Individuals with greater than the age-specific median number of teeth lost had statistically significant 13% increased risk of total death [95% confidence interval (CI) 9–18%], 35% increased risk of upper GI cancer death (95% CI 14–59%), 28% increased risk of heart disease death (95% CI 17–40%), and 12% increased risk of stroke death (95% CI 2–23%), but no significantly increased risk of death from cancer at other sites. These elevated risks were present in male smokers, male non-smokers, and females, nearly all never-smokers.

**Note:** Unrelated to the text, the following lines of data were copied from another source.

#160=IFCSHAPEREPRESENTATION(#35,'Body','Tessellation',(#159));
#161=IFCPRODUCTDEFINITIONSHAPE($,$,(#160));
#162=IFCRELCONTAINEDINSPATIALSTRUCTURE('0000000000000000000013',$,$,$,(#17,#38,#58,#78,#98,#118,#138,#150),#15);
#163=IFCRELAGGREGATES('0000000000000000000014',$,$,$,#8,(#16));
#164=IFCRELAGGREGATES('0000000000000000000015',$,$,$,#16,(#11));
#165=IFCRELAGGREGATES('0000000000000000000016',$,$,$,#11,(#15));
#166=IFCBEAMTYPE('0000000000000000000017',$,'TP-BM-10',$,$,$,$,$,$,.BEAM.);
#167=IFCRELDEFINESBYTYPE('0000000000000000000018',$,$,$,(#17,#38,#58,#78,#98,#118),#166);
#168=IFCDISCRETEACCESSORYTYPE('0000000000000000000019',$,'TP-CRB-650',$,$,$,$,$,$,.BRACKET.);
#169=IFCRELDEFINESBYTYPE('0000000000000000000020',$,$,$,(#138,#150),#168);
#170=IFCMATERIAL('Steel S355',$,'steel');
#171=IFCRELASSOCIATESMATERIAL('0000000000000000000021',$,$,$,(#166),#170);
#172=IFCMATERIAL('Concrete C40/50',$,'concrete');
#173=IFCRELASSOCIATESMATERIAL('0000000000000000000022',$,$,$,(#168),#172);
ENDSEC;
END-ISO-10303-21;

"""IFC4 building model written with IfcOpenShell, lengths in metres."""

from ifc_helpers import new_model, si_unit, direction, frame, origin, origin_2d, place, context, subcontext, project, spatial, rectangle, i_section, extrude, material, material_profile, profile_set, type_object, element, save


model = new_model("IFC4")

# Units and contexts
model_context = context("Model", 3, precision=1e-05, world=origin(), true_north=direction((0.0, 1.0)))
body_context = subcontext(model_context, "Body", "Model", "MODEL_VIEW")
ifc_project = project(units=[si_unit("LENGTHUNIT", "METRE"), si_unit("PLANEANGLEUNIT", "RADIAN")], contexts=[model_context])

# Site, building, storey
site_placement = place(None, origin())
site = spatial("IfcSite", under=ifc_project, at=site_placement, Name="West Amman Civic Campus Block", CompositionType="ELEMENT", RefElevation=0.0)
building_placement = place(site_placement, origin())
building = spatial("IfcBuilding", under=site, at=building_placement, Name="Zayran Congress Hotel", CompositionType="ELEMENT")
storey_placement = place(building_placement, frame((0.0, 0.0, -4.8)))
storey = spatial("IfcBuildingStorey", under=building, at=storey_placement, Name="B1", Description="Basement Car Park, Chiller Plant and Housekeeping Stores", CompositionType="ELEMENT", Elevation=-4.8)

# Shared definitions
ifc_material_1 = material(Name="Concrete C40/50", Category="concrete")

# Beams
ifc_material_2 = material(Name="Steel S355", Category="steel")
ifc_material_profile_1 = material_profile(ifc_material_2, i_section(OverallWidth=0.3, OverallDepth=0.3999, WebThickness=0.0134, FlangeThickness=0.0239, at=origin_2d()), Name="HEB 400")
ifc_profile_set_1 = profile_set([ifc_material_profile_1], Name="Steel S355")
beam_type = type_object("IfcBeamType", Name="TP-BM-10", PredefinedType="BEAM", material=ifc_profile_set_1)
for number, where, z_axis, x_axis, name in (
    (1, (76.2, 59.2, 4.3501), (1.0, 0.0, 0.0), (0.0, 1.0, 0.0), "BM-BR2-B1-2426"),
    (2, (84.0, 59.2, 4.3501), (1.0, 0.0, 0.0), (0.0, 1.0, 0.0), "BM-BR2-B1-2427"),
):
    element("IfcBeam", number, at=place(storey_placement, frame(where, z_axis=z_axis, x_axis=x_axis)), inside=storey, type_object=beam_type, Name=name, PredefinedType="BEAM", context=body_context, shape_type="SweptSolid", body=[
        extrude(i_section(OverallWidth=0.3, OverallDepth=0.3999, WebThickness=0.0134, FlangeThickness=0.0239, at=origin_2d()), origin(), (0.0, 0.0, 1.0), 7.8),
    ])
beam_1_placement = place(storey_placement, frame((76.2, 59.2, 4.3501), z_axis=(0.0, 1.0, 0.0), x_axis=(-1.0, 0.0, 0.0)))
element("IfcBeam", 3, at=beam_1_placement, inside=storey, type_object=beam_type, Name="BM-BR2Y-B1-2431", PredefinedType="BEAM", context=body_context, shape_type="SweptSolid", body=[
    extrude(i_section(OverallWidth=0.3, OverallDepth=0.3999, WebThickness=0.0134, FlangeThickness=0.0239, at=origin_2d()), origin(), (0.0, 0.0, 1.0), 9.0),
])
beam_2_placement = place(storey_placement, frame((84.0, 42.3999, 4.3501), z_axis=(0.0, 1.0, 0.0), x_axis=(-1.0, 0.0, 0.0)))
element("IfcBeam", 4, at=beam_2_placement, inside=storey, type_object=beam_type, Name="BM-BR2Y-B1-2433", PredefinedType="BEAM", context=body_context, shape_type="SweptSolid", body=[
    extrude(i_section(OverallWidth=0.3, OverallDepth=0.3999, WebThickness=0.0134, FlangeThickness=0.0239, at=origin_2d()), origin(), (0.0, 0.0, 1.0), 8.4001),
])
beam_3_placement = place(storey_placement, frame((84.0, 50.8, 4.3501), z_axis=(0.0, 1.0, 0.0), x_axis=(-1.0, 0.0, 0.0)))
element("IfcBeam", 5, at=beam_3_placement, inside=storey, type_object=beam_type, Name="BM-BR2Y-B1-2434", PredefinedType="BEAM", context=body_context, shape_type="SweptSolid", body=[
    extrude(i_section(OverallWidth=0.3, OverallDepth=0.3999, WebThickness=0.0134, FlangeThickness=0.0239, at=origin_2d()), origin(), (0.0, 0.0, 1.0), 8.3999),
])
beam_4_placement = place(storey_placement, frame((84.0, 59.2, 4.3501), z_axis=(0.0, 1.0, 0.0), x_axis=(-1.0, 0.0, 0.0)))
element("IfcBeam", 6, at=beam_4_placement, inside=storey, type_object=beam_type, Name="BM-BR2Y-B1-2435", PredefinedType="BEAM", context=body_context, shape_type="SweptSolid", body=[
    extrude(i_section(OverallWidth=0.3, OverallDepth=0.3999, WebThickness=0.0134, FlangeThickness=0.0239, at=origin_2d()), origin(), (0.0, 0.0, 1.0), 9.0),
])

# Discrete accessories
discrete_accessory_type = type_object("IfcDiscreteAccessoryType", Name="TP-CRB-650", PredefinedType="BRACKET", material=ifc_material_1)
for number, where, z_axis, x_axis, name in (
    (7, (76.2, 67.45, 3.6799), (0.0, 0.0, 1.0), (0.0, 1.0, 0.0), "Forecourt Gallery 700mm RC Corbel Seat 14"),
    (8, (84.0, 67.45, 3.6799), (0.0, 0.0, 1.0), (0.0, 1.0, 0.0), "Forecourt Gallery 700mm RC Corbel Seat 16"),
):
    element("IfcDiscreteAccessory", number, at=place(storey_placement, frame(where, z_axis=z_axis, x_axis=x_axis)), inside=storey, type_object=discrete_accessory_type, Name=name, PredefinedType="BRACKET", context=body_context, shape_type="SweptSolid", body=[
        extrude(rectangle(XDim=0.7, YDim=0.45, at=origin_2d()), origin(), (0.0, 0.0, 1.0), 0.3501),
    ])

This is just a small sampling of the literature. (You can find plenty more to read at Google Scholar.) As with the many reports connecting periodontal disease with cardiovascular disease (CVD), a debate rages on about whether correlation means causation, in the case of periodontal disease and cancer. I don’t think it’s rocket science. For me, the picture that emerges is one in which chronic inflammation caused by poor oral health sets the stage for more serious illness. (See my earlier post for more info about the connection between inflammation and cancer.)  I think further research will probably turn up some surprising connections between oral bacteria and cancer, but we don’t have to wait for additional research to begin taking oral hygiene seriously as a potential way to head off cancer and CVD. There’s no downside to treating your mouth right. The upside may well be years of extra life. That’s what the handwriting on the wall is saying at this point.